Development and Deployment of DeepSeek‐Based Applications in Healthcare: A Chinese Perspective

Maoxin Lv, Ning Li, Hui Zhang, Chao Liu, Ge Wu, Zheng Zhu, Yao Zhu, Mengchun Gong

ABSTRACT

Background

Artificial intelligence (AI) is already showing enormous potential in the healthcare sector. Generative AI, particularly, is accelerating the sector's digital transformation by delivering intelligent decision support, automated diagnosis, and optimized resource allocation. DeepSeek‐R1, a large‐language model with a strong performance‐to‐cost ratio, has gained popularity as a foundation model in Chinese hospitals. However, the deployment of generative AI remains challenging, and hospitals continue to lack clear guidance on how to select among deployment architectures and how to balance computational demand with cost.
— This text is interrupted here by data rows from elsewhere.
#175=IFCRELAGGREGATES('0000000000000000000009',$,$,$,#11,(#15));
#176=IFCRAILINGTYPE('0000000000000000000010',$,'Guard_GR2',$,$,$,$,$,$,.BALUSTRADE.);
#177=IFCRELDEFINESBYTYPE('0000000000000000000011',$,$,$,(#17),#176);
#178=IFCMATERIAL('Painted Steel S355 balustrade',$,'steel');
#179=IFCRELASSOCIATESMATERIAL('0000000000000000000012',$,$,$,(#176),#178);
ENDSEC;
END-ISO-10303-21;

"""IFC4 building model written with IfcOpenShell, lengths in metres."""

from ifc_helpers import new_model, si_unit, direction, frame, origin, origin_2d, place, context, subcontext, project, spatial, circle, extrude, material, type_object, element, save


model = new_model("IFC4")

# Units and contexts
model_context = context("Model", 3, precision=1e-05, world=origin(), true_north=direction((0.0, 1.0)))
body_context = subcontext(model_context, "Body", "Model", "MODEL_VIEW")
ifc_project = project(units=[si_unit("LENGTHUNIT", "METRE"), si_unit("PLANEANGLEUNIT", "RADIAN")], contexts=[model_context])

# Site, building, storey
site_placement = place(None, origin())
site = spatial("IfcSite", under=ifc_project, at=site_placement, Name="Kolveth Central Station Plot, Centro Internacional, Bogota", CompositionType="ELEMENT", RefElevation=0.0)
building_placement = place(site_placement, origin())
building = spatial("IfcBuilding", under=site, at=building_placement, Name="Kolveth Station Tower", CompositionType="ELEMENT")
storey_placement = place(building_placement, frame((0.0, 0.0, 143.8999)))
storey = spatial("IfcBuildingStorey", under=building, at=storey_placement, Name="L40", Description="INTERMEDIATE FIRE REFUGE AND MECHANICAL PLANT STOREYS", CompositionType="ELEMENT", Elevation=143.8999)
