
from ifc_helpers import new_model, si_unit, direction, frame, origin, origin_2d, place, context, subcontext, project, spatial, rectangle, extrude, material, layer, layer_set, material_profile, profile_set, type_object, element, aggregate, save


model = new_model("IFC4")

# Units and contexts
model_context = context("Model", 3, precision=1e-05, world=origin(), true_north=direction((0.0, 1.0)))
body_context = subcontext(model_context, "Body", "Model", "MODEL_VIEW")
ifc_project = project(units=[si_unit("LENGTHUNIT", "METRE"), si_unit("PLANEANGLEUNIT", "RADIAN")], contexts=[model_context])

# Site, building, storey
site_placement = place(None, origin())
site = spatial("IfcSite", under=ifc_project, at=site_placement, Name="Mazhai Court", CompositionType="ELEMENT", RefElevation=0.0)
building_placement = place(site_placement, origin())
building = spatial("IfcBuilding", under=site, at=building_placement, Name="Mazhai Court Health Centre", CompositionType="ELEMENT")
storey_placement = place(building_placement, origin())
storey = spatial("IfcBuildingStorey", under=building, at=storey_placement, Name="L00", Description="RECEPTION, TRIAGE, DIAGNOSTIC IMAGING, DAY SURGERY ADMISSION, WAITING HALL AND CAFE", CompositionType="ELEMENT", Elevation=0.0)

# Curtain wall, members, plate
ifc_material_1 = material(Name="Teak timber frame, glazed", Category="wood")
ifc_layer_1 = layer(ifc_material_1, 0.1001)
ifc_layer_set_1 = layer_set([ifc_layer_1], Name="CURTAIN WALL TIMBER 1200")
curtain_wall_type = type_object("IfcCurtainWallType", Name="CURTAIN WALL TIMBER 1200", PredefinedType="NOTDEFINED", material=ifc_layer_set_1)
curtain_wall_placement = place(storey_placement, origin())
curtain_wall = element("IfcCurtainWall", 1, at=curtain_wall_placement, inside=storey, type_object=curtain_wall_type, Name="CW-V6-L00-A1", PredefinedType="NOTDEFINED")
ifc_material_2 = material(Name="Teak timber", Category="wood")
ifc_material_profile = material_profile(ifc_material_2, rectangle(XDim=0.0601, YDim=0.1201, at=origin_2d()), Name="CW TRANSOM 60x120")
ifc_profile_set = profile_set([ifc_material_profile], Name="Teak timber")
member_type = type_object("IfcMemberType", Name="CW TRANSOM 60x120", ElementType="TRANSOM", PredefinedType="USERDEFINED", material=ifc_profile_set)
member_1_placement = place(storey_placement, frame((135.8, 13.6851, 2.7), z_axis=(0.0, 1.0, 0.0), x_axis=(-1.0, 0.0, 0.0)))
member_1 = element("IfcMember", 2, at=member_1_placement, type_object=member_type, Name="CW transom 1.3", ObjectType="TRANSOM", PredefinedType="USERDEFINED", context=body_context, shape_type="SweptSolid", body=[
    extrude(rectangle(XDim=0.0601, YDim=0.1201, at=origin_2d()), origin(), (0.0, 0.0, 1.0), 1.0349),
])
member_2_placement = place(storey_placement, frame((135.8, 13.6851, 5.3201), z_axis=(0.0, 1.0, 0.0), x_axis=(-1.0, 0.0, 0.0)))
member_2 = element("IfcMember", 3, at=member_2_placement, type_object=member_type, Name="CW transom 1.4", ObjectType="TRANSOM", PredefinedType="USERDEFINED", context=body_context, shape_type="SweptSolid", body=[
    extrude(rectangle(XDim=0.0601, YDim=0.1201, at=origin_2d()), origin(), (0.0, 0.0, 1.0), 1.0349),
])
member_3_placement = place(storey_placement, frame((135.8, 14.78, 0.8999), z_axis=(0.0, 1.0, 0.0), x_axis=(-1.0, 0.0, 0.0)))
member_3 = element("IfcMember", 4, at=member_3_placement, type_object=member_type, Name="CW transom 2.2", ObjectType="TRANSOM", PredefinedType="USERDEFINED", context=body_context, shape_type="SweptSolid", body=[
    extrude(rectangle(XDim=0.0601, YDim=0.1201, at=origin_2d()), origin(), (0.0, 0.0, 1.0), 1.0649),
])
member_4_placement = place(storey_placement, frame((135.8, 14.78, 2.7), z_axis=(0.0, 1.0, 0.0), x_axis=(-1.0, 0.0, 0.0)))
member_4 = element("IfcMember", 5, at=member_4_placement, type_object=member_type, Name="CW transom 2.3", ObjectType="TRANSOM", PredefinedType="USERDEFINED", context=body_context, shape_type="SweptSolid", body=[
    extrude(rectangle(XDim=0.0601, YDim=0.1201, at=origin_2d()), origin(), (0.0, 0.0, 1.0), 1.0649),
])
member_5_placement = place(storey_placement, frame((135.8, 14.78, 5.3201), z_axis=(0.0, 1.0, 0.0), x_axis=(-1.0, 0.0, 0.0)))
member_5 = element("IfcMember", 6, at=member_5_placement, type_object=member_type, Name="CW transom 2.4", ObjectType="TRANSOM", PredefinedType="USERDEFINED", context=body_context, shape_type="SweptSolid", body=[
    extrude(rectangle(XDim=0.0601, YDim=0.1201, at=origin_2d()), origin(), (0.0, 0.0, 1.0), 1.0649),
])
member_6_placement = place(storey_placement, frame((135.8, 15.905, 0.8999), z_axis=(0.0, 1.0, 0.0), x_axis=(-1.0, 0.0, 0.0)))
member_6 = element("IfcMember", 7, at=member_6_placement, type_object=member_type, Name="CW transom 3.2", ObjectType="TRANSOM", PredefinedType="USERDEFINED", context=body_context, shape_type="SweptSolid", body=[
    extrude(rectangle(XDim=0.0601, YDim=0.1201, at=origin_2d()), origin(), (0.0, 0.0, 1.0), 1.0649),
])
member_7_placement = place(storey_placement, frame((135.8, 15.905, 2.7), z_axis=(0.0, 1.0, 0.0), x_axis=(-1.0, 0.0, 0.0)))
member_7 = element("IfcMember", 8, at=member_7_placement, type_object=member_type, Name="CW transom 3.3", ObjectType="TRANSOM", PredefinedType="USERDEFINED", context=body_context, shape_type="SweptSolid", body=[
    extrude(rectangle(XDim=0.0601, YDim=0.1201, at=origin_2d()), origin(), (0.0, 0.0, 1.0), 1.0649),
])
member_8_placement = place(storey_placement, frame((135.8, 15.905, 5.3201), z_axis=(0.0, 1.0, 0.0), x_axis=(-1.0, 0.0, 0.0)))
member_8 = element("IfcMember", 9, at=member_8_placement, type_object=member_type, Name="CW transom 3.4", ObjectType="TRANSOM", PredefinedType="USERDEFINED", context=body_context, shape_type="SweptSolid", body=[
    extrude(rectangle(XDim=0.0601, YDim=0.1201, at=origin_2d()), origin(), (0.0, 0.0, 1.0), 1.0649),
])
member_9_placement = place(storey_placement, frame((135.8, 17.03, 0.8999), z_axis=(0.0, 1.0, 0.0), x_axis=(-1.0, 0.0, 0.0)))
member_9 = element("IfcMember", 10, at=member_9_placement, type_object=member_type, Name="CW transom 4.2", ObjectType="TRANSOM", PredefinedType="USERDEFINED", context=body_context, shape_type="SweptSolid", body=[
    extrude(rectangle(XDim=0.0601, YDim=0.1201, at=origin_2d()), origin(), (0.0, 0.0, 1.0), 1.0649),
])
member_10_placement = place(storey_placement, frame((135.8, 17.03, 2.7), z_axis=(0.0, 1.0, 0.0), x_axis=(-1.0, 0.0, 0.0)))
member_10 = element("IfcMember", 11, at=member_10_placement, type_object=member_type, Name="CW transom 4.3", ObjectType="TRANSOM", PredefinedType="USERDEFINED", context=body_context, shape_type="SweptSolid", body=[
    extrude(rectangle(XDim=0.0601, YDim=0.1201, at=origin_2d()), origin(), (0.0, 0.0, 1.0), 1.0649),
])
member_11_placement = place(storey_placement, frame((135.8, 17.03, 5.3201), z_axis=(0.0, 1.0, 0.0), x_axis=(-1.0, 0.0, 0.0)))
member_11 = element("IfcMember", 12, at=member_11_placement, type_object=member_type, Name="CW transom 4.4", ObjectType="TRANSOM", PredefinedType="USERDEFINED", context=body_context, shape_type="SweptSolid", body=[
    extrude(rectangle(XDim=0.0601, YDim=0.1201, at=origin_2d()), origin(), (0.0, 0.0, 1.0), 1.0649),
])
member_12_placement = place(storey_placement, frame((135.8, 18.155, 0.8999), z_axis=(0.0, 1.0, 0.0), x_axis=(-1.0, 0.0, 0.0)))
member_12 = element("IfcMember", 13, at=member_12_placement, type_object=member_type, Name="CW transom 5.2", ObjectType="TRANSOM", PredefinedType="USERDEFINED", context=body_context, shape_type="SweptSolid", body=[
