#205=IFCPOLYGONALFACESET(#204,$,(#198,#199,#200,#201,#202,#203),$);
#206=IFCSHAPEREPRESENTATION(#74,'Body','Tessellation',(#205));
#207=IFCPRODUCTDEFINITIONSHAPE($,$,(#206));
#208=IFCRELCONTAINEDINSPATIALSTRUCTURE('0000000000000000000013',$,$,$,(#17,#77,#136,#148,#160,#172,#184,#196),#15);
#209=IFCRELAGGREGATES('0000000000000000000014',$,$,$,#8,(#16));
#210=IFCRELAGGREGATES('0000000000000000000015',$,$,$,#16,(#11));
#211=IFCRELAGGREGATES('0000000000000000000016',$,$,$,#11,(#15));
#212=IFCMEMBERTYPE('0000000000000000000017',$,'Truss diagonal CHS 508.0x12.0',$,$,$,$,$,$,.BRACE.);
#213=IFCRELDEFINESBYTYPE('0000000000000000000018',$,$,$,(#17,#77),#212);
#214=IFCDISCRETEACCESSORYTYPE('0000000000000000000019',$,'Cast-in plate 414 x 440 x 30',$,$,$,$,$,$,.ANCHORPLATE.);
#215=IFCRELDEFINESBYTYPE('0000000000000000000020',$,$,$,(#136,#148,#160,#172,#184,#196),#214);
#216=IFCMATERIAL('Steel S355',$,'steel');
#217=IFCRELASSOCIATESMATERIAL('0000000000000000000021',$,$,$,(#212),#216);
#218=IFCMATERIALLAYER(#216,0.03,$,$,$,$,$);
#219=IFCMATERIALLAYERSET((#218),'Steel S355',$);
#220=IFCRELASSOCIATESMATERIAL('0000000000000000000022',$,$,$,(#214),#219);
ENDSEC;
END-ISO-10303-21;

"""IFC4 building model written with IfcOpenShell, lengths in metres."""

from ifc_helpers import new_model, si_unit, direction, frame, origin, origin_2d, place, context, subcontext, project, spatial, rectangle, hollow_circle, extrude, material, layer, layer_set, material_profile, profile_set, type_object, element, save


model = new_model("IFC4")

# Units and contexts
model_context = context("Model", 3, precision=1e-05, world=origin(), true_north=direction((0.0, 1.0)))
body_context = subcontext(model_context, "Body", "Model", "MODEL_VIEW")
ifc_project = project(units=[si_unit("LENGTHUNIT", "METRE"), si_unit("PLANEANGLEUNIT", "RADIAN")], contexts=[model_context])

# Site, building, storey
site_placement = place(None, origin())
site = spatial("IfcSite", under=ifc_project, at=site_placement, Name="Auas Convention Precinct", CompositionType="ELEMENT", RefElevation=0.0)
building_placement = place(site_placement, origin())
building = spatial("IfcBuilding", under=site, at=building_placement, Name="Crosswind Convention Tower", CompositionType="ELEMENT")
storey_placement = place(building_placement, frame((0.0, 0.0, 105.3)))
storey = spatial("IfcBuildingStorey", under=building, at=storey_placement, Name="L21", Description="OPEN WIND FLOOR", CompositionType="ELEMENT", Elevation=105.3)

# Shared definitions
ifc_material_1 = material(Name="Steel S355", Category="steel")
Deeper, data‐driven analysis is therefore warranted to inform future roll‐outs.

Methods

This study surveyed AI deployment across Chinese hospitals, with a focus on DeepSeek's potential applications under national policies. Data were collected from the top 20 hospitals, regional centers, and township hospitals via official WeChat platforms. The survey examined deployment strategies, model versions, and platform choices, while keeping in account hospital needs, data resources, and technological‐economic decisions.

Results

The study highlights DeepSeek's impact on diagnostic accuracy, personalized treatment, medical documentation automation, and resource management optimization. Among the 17 surveyed hospitals, 6 hospitals employed detailed model versions, 5 used the 671B model, and 1 used the 32B version. Among 10 hospitals of different levels, 2 selected the 671B, 3 selected the 70B, and 4 selected the 32B model. All hospitals preferred local deployment. Different needs and applications were observed across the studied hospitals.

Conclusions

Selection of the right AI model requires balancing computational power with cost. Larger models offer higher accuracy, but incur higher costs, whereas distilled models suit smaller hospitals with fewer resources. Future development should therefore focus on selecting deployment strategies based on the hospital size while addressing data quality disparities to bridge the regional healthcare gaps. As such, coordination among government, hospitals, and doctors is crucial for supporting smarter healthcare transitions.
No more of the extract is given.